Transcoding worker crashes — each segment job is idempotent; the queue redelivers failed segments to another worker. A video is only marked "complete" when ALL segments are done (tracked in a completion counter in Redis)
CDN edge failure — clients automatically fall back to the next-nearest edge. The player detects segment download failures and retries with a different CDN hostname
Database shard failure — Vitess maintains synchronous replicas per shard. Automated failover promotes a replica to primary within seconds
Blob storage corruption — GCS/S3 use erasure coding (e.g., Reed-Solomon) and cross-region replication. 11 nines durability means less than 1 object lost per 10 billion per year
Regional outage — traffic is rerouted to the next-nearest region via global load balancing.

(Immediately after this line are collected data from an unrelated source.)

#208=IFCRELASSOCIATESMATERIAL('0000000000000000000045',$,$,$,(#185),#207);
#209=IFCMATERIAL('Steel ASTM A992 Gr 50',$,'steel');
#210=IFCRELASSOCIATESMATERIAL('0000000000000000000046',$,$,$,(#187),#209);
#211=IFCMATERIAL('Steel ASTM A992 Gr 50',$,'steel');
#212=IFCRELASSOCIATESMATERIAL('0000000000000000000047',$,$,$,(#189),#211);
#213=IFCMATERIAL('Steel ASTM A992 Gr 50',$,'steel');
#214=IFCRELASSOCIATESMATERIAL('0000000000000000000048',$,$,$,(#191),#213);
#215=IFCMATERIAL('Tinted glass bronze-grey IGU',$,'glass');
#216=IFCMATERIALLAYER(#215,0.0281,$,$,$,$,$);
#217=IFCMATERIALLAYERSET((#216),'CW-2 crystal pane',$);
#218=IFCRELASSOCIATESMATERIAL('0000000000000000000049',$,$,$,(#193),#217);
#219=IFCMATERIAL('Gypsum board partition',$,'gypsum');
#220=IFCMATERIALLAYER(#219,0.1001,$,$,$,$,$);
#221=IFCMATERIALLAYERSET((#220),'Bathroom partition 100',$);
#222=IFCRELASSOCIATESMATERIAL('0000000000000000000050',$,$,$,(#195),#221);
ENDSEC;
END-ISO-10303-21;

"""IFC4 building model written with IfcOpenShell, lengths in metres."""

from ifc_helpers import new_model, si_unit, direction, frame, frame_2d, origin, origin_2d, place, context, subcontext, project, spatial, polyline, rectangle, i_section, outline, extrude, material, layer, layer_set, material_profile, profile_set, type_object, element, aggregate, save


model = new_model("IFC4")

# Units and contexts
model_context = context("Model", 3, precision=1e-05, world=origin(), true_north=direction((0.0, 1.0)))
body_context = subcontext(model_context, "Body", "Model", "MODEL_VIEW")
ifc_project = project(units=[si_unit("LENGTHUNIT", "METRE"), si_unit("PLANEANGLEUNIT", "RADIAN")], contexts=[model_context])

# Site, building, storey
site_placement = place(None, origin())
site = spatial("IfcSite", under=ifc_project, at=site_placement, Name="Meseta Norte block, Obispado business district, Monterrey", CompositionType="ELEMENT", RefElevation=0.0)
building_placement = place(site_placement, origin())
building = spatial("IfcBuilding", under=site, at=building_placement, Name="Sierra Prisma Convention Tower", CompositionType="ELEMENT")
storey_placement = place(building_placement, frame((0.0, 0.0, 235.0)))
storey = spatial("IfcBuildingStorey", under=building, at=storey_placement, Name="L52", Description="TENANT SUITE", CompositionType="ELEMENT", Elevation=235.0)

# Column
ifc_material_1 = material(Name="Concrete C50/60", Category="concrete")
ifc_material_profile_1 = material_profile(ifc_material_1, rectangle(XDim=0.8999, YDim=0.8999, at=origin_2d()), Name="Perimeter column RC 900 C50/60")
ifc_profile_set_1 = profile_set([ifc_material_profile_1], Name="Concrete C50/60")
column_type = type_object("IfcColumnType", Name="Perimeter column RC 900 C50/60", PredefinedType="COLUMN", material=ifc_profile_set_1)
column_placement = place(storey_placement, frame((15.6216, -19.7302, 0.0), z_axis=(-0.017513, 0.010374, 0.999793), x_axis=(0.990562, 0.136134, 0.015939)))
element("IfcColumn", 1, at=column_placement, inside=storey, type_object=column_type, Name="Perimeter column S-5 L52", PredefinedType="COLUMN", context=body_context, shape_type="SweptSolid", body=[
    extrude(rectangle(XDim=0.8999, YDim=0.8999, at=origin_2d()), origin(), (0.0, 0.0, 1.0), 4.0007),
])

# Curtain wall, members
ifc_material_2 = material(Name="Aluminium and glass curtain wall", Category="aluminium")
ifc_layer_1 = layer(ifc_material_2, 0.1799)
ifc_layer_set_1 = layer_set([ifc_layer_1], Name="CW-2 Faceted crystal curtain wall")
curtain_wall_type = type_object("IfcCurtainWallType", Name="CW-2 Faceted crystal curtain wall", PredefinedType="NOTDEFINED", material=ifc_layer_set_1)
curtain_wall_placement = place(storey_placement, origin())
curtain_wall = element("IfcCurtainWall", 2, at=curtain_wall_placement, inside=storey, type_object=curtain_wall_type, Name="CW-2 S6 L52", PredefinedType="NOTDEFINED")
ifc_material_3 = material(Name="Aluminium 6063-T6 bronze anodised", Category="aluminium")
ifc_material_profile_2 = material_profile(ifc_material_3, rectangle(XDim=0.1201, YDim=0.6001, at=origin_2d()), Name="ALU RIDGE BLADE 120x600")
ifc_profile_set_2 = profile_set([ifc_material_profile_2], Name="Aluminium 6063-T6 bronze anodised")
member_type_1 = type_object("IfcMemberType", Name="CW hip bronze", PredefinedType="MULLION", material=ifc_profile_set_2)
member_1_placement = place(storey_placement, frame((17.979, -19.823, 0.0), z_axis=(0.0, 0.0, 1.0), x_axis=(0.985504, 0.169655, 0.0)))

CDN edges in unaffected regions continue serving cached content

Circuit Breaker Pattern

# Circuit breaker for transcoding service calls
class CircuitBreaker:
    CLOSED = 'closed'      # normal operation
    OPEN = 'open'          # failing, reject requests
    HALF_OPEN = 'half_open' # testing if service recovered

    def __init__(self, failure_threshold=5, timeout_sec=30):
        self.state = self.CLOSED
        self.failure_count = 0
        self.threshold = failure_threshold
        self.timeout = timeout_sec
        self.last_failure_time = None

    def call(self, func, *args, **kwargs):
        if self.state == self.OPEN:
            if time.time() - self.last_failure_time > self.timeout:
                self.state = self.HALF_OPEN
            else:
                raise ServiceUnavailableError("Circuit breaker OPEN")

        try:
            result = func(*args, **kwargs)
            if self.state == self.HALF_OPEN:
                self.state = self.CLOSED
                self.failure_count = 0
            return result
        except Exception as e:
            self.failure_count += 1
            self.last_failure_time = time.time()
            if self.failure_count >= self.threshold:
                self.state = self.OPEN
            raise

Summary & Interview Tips

Component	Technology	Key Design Decision
Upload	Resumable upload → Kafka → worker fleet	Async processing, segment-level parallelism
Transcoding	FFmpeg, H.264/VP9/AV1, DAG scheduler	Pre-transcode all formats; AV1 only for popular
Streaming	HLS/DASH, adaptive bitrate	Buffer-based ABR, 4-sec segments
Storage	GCS/S3, tiered (hot/warm/cold/archive)	Long-tail → cold; popular → multi-region hot
Metadata DB	MySQL + Vitess (sharded)	Shard by video_id; secondary indexes for lookups
Search	Elasticsearch + ML re-ranker	BM25 retrieval → neural ranking
Recommendations	ALS + deep ranking model	Optimize for watch time, not clicks
CDN	Google Global Cache (ISP-level)	3-tier cache hierarchy, own infra to save costs
View counting	Kafka → Flink → Redis HLL → MySQL	Eventual consistency, batch aggregation
Comments	Separate microservice, sharded by video_id	Isolated blast radius, ML moderation

Interview key points: (1) Clearly separate the upload (write) and streaming (read) paths — they have completely different requirements. (2) Emphasize CDN as the primary serving layer — origin servers should rarely be hit. (3) Discuss codec trade-offs (H.264 vs VP9 vs AV1). (4) Explain why view counts use eventual consistency. (5) Mention cost — bandwidth egress is the dominant expense. (6) Talk about the recommendation engine as the core business differentiator.